I thought I was the only one… I find ARM to be quite cumbersome and odd. I wouldn’t call it RISC by any means when it comes down the pragmatists, at least not in the traditional sense. I think its popularity stemmed from its energy efficiency rather than elegance…
RISC is great for implementation and programming simplicity. But these are not the only variables one optimizes a core for. The higher-end the implementation, the more internally complex or special-case extensions it may include, from AES acceleration instructions to signed pointers.
ARM's popularity also stems from its licensing, AFAICT. You can license various ARM cores, from the tiniest to the beefiest, to include in your SOC or MCU, mix and match them on the die, etc. This is not true for any reasonably recent x86 architecture, either from Intel or from AMD.
Interestingly, AMD64 has had signed pointers since the start: valid 64-bit virtual addresses are always derived by sign extension, even when the actual virtual address space is smaller than 64 bits.

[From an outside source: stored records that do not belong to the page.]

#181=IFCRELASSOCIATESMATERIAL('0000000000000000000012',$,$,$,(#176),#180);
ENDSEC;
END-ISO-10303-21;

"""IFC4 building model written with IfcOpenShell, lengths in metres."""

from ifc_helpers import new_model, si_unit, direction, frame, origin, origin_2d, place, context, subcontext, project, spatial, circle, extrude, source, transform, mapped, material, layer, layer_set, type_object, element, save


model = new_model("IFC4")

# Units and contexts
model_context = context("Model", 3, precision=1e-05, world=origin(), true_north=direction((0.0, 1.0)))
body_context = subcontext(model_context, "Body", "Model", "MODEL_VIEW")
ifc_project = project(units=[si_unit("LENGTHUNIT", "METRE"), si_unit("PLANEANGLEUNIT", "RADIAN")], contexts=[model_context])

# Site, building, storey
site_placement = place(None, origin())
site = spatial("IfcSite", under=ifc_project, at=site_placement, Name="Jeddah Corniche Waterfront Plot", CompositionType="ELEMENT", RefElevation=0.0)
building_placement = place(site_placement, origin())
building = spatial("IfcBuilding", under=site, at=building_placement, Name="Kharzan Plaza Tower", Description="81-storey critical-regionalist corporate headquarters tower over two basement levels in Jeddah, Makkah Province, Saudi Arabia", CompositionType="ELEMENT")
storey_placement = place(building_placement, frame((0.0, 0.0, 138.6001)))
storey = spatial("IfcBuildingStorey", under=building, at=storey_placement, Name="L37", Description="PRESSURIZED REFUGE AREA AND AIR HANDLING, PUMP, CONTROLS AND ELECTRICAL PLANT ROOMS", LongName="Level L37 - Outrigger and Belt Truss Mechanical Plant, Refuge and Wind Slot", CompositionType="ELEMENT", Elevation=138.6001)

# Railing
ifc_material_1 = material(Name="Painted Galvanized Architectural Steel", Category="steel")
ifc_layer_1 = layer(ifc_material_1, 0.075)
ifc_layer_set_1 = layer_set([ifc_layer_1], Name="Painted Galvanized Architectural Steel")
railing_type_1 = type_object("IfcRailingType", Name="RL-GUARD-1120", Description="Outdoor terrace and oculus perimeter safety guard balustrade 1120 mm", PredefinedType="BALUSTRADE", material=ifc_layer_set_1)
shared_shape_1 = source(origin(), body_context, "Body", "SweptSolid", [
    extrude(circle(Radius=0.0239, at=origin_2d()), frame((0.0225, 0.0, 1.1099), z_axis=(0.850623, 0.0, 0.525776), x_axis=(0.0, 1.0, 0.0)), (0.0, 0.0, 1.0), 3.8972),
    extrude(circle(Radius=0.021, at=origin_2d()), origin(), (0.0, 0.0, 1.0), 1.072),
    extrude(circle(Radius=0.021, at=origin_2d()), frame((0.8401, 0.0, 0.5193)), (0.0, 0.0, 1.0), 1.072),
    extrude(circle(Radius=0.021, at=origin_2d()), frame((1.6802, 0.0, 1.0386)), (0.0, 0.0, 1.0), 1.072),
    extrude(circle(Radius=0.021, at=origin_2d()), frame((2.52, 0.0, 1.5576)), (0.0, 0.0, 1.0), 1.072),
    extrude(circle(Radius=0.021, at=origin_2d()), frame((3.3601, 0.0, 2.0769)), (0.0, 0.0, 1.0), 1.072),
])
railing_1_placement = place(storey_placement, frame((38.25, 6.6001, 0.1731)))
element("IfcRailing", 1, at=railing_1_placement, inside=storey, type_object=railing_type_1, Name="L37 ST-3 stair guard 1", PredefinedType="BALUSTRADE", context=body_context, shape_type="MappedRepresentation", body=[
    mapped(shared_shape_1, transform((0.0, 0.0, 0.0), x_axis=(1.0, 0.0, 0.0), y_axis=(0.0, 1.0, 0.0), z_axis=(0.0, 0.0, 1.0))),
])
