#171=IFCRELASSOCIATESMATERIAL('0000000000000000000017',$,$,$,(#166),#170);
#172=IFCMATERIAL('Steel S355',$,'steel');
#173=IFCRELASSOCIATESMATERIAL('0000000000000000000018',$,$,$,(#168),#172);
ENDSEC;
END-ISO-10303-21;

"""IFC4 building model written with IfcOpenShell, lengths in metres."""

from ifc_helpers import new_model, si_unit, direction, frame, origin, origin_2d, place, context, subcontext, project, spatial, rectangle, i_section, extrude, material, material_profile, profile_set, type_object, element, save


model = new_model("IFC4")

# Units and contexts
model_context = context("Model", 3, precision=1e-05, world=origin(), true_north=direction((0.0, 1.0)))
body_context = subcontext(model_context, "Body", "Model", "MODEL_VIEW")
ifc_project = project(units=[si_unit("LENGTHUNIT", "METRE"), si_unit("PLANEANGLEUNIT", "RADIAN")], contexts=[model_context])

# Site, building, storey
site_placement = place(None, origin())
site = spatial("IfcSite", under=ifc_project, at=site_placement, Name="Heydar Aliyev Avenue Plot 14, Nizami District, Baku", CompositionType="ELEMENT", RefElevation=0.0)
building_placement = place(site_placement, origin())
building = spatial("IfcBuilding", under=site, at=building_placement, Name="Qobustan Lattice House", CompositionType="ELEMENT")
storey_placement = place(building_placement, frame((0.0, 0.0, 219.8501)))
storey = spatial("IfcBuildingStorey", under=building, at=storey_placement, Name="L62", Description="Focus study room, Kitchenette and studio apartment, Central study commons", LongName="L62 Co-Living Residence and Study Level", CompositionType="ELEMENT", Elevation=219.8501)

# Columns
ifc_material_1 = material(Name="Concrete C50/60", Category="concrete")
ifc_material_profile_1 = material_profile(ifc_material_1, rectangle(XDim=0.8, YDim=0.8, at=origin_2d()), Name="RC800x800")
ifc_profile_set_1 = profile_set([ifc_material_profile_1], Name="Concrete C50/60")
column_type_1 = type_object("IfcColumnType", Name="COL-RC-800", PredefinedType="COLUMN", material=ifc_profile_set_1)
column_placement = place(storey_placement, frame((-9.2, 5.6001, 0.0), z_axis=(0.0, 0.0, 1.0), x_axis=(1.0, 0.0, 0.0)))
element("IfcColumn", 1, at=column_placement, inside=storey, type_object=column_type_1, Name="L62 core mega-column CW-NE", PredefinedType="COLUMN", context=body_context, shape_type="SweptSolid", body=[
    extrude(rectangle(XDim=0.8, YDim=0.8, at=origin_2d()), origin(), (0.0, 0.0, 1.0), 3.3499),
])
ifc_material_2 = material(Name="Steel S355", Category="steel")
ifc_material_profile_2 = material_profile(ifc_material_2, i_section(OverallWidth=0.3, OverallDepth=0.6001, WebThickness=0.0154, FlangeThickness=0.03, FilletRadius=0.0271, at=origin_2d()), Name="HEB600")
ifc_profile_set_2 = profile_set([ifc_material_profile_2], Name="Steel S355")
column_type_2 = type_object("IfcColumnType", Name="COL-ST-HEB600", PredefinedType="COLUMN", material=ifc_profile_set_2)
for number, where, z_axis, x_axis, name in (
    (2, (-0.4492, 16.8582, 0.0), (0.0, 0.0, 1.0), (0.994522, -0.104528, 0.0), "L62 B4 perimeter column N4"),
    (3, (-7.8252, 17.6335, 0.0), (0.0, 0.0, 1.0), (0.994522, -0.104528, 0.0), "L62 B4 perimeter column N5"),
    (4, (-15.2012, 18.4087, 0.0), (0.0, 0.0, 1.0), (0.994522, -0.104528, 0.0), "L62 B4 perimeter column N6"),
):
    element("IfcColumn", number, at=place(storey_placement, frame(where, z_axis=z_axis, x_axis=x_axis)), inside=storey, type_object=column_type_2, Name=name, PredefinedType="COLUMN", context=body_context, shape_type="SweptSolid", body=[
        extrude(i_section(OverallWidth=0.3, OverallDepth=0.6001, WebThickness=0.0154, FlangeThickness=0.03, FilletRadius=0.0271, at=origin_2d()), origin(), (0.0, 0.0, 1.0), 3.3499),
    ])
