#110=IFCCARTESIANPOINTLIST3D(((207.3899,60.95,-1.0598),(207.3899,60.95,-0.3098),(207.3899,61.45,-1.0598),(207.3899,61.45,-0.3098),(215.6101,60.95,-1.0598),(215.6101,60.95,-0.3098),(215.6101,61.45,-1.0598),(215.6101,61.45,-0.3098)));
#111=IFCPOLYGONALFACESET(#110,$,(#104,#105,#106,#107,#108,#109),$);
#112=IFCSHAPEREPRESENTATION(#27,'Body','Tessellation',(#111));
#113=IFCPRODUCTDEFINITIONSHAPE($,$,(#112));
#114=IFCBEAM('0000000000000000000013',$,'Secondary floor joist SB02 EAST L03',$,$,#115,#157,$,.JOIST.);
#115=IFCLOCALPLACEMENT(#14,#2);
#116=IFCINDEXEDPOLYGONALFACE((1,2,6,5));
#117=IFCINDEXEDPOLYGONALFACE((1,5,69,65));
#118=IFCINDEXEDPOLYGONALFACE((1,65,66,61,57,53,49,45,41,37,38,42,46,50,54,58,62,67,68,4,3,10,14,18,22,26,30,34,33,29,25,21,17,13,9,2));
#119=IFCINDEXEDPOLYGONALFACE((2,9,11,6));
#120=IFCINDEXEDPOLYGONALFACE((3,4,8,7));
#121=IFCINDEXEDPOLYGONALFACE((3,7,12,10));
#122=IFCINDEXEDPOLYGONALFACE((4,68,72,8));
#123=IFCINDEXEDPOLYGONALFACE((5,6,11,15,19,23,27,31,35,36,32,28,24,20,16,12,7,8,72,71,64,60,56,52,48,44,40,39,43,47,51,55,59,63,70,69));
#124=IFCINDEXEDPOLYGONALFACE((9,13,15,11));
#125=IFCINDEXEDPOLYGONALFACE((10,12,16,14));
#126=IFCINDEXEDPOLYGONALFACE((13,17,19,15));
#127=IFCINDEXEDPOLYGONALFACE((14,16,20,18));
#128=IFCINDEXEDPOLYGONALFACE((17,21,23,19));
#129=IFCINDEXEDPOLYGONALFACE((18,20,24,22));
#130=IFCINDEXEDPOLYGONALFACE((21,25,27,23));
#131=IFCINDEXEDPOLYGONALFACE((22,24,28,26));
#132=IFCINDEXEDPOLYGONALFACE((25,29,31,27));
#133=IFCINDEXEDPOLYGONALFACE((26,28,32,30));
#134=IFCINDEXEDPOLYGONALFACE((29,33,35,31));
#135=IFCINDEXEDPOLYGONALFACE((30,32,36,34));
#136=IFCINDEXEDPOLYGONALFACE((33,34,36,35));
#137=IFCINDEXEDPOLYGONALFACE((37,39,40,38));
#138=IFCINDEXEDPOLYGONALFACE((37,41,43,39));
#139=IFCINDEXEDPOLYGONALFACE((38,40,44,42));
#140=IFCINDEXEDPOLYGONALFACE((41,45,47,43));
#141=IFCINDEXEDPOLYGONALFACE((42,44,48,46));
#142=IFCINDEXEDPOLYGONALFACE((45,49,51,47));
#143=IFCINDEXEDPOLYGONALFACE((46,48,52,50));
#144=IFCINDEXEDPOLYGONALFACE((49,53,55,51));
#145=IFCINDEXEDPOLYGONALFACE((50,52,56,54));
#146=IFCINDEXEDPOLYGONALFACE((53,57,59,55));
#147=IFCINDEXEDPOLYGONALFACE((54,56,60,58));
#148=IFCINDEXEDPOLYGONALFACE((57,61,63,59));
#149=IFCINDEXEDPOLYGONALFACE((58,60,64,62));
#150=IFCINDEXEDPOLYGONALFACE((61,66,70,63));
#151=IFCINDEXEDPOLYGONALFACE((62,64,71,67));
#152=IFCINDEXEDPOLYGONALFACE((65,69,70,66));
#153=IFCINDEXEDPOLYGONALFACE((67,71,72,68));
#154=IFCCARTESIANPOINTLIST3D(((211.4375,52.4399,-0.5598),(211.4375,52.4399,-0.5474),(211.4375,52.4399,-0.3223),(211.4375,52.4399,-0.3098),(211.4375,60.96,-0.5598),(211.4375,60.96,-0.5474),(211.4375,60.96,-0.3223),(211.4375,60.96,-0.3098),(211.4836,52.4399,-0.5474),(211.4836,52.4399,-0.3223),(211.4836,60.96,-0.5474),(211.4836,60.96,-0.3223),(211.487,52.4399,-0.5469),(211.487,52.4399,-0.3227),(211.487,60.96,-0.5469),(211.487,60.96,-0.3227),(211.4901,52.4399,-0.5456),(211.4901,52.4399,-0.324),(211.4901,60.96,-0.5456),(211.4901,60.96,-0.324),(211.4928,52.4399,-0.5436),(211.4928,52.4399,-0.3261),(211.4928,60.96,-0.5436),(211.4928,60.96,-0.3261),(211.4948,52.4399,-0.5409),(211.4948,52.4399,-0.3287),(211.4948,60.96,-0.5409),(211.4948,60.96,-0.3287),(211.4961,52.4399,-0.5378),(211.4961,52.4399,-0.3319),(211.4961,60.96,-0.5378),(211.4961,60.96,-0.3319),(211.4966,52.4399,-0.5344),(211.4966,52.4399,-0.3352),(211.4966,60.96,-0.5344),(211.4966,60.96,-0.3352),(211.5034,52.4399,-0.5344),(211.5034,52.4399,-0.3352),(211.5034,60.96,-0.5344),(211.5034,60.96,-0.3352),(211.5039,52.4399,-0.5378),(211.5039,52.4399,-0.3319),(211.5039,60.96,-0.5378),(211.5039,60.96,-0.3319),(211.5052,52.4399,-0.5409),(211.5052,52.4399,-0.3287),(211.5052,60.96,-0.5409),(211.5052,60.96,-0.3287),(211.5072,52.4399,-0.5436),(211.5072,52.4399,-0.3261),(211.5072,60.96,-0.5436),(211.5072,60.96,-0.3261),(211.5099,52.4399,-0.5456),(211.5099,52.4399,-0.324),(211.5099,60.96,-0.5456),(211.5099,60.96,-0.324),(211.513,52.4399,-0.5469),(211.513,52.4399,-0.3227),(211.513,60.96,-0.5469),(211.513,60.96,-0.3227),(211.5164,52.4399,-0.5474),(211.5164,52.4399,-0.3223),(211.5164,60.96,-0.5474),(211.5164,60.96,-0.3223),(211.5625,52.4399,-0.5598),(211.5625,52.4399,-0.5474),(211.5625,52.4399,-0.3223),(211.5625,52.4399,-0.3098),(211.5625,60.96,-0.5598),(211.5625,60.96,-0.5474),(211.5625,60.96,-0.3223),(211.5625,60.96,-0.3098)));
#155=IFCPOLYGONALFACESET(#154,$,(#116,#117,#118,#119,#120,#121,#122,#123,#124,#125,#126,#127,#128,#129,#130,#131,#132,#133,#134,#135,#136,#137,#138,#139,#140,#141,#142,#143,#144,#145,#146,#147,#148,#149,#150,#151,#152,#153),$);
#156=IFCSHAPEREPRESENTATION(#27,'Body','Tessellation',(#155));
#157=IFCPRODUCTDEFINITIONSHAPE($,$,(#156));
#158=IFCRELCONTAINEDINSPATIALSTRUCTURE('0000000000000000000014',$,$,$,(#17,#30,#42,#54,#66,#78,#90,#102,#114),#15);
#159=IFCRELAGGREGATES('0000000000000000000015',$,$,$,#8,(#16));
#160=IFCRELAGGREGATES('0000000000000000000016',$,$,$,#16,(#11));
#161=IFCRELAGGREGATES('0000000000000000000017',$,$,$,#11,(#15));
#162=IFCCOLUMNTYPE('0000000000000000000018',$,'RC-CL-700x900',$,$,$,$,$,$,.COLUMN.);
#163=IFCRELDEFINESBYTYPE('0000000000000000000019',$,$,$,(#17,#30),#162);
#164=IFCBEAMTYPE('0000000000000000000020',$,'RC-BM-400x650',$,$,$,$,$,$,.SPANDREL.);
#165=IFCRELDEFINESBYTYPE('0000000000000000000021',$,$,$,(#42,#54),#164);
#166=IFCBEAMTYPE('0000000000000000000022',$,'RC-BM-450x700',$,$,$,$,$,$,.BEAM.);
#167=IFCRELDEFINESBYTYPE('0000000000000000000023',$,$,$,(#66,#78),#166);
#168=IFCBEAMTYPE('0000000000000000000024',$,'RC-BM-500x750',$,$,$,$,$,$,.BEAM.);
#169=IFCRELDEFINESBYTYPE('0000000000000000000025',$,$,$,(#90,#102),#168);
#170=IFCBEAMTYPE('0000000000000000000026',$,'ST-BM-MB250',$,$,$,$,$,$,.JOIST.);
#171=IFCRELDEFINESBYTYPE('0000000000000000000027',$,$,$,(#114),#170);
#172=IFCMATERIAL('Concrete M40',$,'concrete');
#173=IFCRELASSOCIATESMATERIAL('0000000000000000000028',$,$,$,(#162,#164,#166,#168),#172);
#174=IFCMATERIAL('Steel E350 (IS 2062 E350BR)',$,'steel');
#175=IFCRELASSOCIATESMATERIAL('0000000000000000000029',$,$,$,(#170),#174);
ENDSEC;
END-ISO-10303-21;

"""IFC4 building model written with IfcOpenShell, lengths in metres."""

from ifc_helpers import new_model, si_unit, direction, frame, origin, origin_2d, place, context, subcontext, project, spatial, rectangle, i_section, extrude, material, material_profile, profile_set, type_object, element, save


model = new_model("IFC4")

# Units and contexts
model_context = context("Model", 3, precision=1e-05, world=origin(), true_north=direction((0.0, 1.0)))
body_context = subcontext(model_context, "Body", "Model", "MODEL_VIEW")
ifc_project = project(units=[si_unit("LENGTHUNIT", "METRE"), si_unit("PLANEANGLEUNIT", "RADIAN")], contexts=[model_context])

This avoids compatibility issues with future implementations supporting larger address spaces.
I think to some extent all ISAs that are asked to do performant computing inevitably drift from RISC/CISC into FISC (Fast Instruction Set Computing) in the sense they get instructions that are specifically designed to accelerate the most common workloads they'll be executing most commonly. In ARM64's case this is things like the infamous "javascript" instructions that emulate x86 floating point (which is also part of how javascript works for speed reasons). In x86 this has lead to a subset of instructions being super fast while anything off that beaten path is now slow (avoid the LOOP instruction at all costs!) as well as specific extensions being added for common work loads (AES, Crypto, FMA etc.).
aarch64 is only targeted at higher end devices where you'd expect to have at least 128 megs of RAM, enough to make the memory savings from Thumb2 not noticeable in practice.
Thumb2 was remarkable for getting so close to the performance of regular Arm code, but it was always still slower for almost any task even with the reduced instruction cache pressure.
RAM isn't much of a concern, relative to significantly increased needs for cache sizes and ROM sizes.
Aarch64 very much loses out; Microcontrollers are resource-constrained, so they won't use it.
High performance implementations (like Apple's M1) need to work around code density by making caches larger, or even having a microop cache; this all has transistor count cost, which imposes area cost, power cost and maximum clock cost.